Havana-born Cuban exile and Harvard graduate Maria Carla Chicuen, 27, recently moved back to Miami after 10 years including stints with the World Bank and IDB to take a job as assistant to the president of Miami Dade College. She jokes a cousin used to call Miami la ciudad de mármol, the marble city. “Its appeal, he’d tell me, was reduced to mar and mall.”

But now she senses what she calls a new “vibe of excitement and optimism I had never seen here before … I’ve gone from convincing people they need to leave to finding reasons everyone, and especially young people, should consider bringing their passions here.” Chicuen, among many others, highlights the blend of real estate development in neighborhoods such as Wynwood, Midtown and the Design District with a youthful arts and tech scene.

The Design District, the brainchild of Craig Robins, one of the early pioneers of South Beach, is quickly transforming into a luxury-shopping destination. The once derelict 12 square blocks of old furniture warehouses now boast Louis Vuitton, Prada, Hermès, Cartier, Zegna, Bulgari, etc. Meanwhile, two major shopping centers — Brickell City Centre and Miami Worldcenter — are under construction on the edges of downtown.

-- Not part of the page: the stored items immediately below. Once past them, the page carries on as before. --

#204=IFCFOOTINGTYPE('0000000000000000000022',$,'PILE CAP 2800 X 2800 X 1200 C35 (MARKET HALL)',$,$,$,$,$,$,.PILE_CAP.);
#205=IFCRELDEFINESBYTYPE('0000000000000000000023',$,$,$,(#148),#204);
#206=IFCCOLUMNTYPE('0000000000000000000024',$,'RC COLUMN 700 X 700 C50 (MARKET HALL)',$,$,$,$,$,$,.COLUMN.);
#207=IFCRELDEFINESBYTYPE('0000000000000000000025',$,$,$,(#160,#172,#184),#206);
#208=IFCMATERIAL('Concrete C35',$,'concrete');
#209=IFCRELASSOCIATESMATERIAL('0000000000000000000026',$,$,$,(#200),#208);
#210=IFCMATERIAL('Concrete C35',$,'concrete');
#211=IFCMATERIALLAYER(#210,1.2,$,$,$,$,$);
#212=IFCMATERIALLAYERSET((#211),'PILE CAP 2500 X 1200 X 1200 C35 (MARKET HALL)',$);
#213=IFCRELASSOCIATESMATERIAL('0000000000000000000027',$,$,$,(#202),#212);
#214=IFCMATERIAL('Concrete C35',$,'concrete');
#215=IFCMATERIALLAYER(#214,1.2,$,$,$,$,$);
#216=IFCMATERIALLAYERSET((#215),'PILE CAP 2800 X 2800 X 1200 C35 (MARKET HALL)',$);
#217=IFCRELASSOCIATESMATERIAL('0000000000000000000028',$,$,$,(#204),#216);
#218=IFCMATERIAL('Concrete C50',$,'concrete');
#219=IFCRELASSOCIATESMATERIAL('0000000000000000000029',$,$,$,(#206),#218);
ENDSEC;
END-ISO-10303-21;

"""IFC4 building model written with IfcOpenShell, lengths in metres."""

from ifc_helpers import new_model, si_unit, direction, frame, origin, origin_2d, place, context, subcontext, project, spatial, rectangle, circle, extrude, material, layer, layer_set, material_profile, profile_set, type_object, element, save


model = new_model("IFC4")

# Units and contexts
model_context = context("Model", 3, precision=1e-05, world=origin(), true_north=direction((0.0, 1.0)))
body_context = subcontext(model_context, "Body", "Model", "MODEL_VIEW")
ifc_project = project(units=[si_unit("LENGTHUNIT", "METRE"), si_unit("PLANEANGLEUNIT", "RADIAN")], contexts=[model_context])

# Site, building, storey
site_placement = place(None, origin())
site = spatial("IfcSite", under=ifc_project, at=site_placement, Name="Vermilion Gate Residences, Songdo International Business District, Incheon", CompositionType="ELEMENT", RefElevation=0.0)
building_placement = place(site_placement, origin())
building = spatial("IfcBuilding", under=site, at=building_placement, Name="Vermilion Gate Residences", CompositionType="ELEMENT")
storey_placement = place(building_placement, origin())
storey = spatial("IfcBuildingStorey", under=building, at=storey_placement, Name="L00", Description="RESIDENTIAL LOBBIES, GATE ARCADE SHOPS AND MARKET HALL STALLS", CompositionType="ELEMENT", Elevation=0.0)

South Florida is led by a growing class of local politicians with a more informed, pragmatic and less Cuba-obsessed worldview, and by civic leaders who embrace the ethnic diversity that once divided Miami’s neighborhoods. Yet it suffers from an ill-funded education system, a lack of mass transit systems leading to worsening traffic gridlock – efforts to raise mass transit taxes have run into opposition led by the city’s most prominent car dealer – continued political corruption, and sharpening wage inequality. Miami has the largest share of renters who spend over 30 percent of their pay on housing – the level the government deems burdensome.

Miami also has its vested interests famous for lobbying hard and getting their way. In 2014 England soccer star David Beckham’s dream of building a futuristic waterfront stadium for his new franchise was dashed by a coalition funded by the cruise line Royal Caribbean, which claimed the stadium threatened port operations.

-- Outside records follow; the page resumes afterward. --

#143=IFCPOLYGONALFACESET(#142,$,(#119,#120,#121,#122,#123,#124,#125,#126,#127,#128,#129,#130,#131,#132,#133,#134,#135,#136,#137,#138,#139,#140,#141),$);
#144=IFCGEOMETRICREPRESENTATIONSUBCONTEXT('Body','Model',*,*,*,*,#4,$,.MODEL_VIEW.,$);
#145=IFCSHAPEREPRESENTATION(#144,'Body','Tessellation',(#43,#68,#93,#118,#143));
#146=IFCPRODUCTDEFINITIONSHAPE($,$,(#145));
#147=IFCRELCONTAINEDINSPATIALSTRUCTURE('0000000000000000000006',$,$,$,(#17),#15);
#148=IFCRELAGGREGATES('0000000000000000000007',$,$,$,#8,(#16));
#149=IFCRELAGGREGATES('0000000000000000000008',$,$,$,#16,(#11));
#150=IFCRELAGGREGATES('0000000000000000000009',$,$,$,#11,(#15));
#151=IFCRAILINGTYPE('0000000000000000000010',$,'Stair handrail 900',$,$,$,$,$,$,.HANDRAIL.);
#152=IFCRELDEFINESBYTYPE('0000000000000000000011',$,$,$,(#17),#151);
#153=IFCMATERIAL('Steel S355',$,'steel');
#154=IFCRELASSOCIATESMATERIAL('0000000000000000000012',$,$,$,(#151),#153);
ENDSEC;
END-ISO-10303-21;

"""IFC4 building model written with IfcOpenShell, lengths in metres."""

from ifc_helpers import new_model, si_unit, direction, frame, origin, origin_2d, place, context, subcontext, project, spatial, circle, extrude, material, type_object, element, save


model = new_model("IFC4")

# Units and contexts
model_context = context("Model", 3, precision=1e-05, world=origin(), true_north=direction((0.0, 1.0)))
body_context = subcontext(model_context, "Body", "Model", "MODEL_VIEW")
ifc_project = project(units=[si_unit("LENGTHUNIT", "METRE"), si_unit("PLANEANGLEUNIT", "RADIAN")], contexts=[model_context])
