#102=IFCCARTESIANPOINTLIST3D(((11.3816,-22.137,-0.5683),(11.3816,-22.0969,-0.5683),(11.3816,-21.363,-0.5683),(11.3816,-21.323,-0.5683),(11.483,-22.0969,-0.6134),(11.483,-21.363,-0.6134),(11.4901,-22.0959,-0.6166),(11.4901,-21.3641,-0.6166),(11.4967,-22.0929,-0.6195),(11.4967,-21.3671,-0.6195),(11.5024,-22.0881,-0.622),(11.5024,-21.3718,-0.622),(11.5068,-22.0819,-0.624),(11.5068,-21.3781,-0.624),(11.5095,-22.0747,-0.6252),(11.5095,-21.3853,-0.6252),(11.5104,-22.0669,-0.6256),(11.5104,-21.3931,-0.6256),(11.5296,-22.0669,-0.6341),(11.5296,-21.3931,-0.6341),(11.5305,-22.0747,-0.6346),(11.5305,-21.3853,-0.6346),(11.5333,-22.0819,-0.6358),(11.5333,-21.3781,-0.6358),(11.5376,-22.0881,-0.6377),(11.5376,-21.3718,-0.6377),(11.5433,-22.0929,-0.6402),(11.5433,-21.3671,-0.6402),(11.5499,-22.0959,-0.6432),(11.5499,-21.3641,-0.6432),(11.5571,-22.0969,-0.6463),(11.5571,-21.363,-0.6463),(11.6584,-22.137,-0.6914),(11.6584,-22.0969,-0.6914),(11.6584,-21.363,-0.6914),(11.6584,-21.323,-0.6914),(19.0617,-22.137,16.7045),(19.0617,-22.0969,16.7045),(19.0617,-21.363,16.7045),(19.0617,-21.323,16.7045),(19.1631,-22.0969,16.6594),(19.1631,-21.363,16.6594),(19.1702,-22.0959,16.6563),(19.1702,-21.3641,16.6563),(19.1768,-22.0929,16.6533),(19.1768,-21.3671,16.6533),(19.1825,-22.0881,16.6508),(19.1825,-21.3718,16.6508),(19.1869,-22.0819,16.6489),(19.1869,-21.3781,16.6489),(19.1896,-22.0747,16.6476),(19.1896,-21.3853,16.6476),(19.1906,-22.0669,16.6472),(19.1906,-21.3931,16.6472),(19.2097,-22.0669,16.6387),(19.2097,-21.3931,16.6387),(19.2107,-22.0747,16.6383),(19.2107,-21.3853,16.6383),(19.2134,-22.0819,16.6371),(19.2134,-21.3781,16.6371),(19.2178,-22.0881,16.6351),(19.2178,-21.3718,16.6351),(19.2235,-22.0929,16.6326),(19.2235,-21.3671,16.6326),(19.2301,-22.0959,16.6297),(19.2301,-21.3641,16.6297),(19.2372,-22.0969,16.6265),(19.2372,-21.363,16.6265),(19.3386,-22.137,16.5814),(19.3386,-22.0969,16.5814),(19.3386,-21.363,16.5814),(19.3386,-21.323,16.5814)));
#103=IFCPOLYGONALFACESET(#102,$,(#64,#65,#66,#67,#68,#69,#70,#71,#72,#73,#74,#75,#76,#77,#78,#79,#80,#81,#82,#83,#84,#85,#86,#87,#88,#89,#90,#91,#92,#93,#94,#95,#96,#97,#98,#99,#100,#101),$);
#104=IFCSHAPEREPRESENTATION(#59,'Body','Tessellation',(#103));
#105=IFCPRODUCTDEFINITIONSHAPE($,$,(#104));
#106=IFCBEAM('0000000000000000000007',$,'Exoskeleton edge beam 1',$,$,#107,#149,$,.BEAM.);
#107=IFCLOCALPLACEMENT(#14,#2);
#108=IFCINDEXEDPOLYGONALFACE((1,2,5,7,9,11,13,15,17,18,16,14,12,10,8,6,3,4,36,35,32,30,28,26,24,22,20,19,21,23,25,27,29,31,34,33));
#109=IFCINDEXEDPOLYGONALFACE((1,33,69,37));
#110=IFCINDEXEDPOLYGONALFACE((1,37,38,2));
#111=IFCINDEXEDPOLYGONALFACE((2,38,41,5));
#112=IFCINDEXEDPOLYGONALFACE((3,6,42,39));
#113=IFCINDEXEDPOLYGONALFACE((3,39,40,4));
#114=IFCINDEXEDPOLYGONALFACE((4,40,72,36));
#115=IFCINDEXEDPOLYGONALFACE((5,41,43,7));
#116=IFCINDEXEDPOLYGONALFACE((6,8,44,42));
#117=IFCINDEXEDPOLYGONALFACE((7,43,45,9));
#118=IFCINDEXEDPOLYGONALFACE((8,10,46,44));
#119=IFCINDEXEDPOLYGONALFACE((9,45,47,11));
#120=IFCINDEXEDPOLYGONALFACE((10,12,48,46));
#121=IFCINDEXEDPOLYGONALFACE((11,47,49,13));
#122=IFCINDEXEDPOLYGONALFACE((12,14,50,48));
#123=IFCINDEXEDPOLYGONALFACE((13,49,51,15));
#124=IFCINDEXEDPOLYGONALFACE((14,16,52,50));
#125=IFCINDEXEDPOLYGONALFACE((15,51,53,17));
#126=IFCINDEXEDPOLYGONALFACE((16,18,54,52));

And while Miami is now the second most entrepreneurial city in the USA, with the highest startup density at 247.6 startups per 100,000 people, investment is weak. Greater Miami attracted just $713 million in venture capital in 2014. The state is in the bottom third in tech industry concentration and ranked 24th in the nation for wages.

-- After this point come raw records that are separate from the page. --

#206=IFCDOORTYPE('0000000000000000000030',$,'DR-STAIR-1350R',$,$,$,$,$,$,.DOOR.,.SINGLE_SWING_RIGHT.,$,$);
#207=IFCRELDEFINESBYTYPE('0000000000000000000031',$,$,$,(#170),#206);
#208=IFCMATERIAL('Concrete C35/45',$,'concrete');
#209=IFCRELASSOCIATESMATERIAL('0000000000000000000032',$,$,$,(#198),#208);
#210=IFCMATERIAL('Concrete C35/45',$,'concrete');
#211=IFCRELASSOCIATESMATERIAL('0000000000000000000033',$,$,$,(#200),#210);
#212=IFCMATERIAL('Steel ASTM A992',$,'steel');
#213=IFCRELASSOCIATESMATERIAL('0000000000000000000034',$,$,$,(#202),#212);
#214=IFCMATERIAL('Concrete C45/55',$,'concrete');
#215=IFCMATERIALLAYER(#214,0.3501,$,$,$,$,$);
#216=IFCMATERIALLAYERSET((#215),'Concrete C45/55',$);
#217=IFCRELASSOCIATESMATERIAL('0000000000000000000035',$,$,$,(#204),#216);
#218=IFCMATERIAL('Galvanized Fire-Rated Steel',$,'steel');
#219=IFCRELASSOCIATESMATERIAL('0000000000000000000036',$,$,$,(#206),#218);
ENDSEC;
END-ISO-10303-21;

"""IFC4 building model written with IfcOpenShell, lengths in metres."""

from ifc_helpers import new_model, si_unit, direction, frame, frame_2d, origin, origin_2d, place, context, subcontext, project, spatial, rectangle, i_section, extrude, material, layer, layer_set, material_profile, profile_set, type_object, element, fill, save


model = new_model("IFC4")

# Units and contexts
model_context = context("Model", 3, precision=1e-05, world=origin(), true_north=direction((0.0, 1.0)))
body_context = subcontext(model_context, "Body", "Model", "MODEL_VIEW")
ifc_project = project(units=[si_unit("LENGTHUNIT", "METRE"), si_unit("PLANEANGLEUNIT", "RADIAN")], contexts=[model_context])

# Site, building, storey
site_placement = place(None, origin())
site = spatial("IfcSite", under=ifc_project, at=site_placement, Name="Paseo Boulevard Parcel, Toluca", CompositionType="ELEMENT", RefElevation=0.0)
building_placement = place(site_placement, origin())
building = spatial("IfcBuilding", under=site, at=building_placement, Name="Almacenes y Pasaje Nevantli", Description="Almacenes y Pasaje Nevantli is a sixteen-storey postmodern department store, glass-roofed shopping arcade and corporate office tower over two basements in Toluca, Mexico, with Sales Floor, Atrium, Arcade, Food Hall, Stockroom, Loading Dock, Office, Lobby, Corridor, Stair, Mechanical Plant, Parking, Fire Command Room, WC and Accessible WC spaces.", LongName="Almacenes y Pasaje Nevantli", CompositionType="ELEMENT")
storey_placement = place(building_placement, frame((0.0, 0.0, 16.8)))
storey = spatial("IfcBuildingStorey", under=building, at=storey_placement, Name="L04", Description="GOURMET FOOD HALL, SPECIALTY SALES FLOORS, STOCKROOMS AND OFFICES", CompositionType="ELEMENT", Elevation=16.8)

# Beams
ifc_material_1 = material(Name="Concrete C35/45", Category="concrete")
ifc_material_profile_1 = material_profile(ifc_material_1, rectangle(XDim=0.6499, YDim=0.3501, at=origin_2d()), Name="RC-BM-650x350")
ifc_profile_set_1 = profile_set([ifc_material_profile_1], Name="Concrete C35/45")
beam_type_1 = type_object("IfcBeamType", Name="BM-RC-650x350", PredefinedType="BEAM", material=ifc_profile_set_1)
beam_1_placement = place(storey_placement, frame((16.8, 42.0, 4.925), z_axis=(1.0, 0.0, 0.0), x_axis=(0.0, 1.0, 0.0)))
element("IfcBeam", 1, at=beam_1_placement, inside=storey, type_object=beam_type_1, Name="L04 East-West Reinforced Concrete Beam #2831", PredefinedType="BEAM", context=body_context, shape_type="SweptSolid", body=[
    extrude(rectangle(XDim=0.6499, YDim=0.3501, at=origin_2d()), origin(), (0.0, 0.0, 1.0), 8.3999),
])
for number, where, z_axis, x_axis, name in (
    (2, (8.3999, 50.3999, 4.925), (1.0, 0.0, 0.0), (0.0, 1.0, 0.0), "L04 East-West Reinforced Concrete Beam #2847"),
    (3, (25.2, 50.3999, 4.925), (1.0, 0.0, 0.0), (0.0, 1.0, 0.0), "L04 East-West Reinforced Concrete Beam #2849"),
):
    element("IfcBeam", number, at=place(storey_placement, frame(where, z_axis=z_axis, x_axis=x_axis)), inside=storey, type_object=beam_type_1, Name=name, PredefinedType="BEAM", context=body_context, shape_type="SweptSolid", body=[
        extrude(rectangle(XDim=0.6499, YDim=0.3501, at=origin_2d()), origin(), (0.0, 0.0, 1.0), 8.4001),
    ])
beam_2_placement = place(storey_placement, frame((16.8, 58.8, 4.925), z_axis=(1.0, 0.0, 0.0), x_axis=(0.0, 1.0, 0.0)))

And at the same time as Miami’s luxury real-estate sector faces possible contraction with the advent of federal law enforcement scrutiny, the gravity of another, more existential threat is dawning on the Magic City.

Sandwiched between the ocean and the Everglades, Miami’s real estate and its fresh water supply are among the most environmentally vulnerable in the world. Although an offshore reef provides partial protection from storm surge, porous limestone bedrock makes the city more vulnerable to sea level rise coming up from below, flooding its streets and contaminating its fresh water aquifer.

Low-lying Miami Beach in recent years has gotten a nasty annual taste of what is to come in future decades from the so-called king tides in October. The flood-prone city has set aside between $300m and $400m to install up to 50 pumps to keep seawater at bay and to raise the levels of roads – while admitting that this is solely a short-term solution amid predictions the sea level will rise several feet by the end of the century.

According to a Newsweek cover story last week, experts estimate $69 billion in South Florida real estate could be flooded by 2030. Miami is calculated as ranking second in terms of assets vulnerable to rising seas. For several years, its daily high-water mark has risen by almost an inch a year, nearly 10 times the global average.

If “the new Miami” can come to terms with and mitigate the potentially catastrophic environmental risk, and can avoid becoming “the new Atlantis,” Miami may indeed realise its potential to continue its metamorphosis into a remarkable, worldclass city.